Large land reclamations and man-made changes of hydrological regime in waterbodies during the 20th century in The Netherlands. Enclosed water indicated separately.

Not only did the total surface area of natural habitats decline, also the intensification of land use meant an enormous narrowing down of the variation in landscapes (Fig. 4). It is important to note that, with respect to wetland degradation, the greater part of this development has taken place within a period of no longer than 600 years. With respect to the impact on the vegetation, especially grassland communities were favoured (see van Eerden et al. 1996). The last 100 years were conclusive with respect to the capacity of Man to govern nature's forces.

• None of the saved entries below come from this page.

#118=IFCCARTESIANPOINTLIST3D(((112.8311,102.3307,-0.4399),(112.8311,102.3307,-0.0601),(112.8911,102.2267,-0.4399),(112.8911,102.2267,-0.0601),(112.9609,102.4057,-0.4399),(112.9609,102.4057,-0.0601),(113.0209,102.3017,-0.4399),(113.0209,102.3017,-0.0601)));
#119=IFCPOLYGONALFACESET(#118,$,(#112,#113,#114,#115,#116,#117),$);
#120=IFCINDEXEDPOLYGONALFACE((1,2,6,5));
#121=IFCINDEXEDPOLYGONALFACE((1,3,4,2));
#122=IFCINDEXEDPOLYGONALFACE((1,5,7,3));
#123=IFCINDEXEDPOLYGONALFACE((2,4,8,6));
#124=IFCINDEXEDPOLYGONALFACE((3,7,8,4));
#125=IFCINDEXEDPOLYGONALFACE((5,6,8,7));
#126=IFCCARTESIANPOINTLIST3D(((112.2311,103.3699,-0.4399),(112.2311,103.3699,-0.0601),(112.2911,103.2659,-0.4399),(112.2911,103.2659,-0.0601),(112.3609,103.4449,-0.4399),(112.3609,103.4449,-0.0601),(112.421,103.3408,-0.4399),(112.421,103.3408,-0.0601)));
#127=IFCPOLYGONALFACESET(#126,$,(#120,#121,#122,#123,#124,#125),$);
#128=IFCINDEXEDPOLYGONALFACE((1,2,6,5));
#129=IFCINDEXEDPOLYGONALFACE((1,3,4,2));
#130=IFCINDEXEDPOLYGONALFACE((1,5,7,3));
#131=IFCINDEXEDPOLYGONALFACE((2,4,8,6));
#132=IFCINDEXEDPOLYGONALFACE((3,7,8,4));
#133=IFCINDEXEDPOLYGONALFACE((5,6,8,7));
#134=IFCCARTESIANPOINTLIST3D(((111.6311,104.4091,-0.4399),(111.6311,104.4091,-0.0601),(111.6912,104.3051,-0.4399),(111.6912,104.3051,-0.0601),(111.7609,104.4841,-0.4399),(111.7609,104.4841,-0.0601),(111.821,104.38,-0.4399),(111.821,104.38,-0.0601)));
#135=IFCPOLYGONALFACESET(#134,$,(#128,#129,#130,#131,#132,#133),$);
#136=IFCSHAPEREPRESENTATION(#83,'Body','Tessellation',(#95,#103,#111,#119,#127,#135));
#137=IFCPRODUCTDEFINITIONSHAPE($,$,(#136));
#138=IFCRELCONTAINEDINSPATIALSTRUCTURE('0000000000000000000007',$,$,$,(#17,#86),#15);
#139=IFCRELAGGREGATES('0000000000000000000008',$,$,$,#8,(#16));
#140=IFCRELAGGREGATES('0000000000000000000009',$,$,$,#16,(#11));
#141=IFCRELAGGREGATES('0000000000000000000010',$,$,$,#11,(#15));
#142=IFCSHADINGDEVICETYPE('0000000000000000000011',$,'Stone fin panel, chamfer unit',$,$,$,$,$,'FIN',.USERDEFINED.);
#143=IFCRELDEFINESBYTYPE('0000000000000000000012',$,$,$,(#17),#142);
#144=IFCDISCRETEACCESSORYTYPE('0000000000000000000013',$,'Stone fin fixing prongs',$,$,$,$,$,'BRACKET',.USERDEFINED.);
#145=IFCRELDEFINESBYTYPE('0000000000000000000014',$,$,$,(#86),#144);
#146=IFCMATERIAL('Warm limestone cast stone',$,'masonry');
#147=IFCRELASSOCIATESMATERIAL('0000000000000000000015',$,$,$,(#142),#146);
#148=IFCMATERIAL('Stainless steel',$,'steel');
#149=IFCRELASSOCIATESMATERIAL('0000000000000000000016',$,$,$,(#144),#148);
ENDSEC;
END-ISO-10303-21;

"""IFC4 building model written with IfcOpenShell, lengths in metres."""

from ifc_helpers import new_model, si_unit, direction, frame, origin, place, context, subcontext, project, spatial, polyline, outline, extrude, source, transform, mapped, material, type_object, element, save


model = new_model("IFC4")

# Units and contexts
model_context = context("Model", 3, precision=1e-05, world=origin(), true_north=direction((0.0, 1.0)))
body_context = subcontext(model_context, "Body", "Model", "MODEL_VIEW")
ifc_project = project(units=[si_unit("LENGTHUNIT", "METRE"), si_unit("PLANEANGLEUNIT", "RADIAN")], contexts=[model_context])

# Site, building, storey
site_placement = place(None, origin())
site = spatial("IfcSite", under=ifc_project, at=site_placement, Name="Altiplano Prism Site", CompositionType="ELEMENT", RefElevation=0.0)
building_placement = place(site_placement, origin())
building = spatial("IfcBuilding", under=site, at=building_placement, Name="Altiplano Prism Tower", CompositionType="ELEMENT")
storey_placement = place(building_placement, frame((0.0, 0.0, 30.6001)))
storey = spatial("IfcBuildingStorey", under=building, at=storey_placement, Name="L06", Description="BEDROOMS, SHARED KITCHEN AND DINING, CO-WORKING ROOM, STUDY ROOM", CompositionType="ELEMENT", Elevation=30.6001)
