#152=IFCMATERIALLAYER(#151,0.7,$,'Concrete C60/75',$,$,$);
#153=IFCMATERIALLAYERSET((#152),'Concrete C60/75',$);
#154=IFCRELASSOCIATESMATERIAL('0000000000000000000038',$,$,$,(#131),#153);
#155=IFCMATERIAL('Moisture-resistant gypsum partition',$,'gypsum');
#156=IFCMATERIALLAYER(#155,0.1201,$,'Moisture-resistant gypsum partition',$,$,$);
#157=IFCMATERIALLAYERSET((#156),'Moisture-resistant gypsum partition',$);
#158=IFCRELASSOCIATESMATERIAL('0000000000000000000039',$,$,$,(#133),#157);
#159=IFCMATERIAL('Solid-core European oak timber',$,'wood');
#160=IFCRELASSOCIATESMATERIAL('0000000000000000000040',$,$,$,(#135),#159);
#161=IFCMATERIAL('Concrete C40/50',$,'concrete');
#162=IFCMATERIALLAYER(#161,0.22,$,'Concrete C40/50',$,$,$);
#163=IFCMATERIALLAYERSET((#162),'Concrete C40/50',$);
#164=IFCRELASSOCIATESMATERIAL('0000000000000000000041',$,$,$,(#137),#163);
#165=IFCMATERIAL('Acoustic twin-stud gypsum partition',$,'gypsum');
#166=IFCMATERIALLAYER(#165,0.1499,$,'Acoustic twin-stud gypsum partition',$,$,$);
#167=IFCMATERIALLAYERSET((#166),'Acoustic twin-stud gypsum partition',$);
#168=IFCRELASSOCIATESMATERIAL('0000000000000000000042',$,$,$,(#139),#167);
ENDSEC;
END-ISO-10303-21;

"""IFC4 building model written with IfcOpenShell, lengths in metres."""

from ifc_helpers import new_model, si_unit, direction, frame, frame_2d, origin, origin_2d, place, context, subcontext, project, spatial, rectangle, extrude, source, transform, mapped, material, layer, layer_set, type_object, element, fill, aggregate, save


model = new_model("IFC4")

A reconstruction of abundance of wetland birds

PREHISTORIC DATA

Data of avian finds in prehistoric human settlements in The Netherlands provide information about species composition in different eras. The first finds are available from the period 4000–2000 BC. Clason & Prummel (1979) present data about 33 species of waterbirds identified in human settlements. Except for the seaducks Melanitta nigra and M. fusca, the Gadwall Anas strepera, the Eurasian Coot Fulica atra and the Purple Heron Ardea purpurea which are lacking from this list, virtually all species described are still present in considerable numbers today. The only two species which were present in prehistoric times, but became extinct later on, are, according to the finds, a pelican (probably Dalmatian Pelican Pelecanus crispus) and the Great Egret Casmerodius albus, both species of large-scale fresh and brackish water marshes. Also Squacco Heron Ardeola ralloides and possibly Little Egret Egretta garzetta have become extinct as breeding birds (Vera 1988).

Figure 4.

Development of habitat composition in historical time (A) in terms of major landscape types, and (B) scaled by degree of ‘naturalness’ in the same area and for the same time series as depicted in Figure 3.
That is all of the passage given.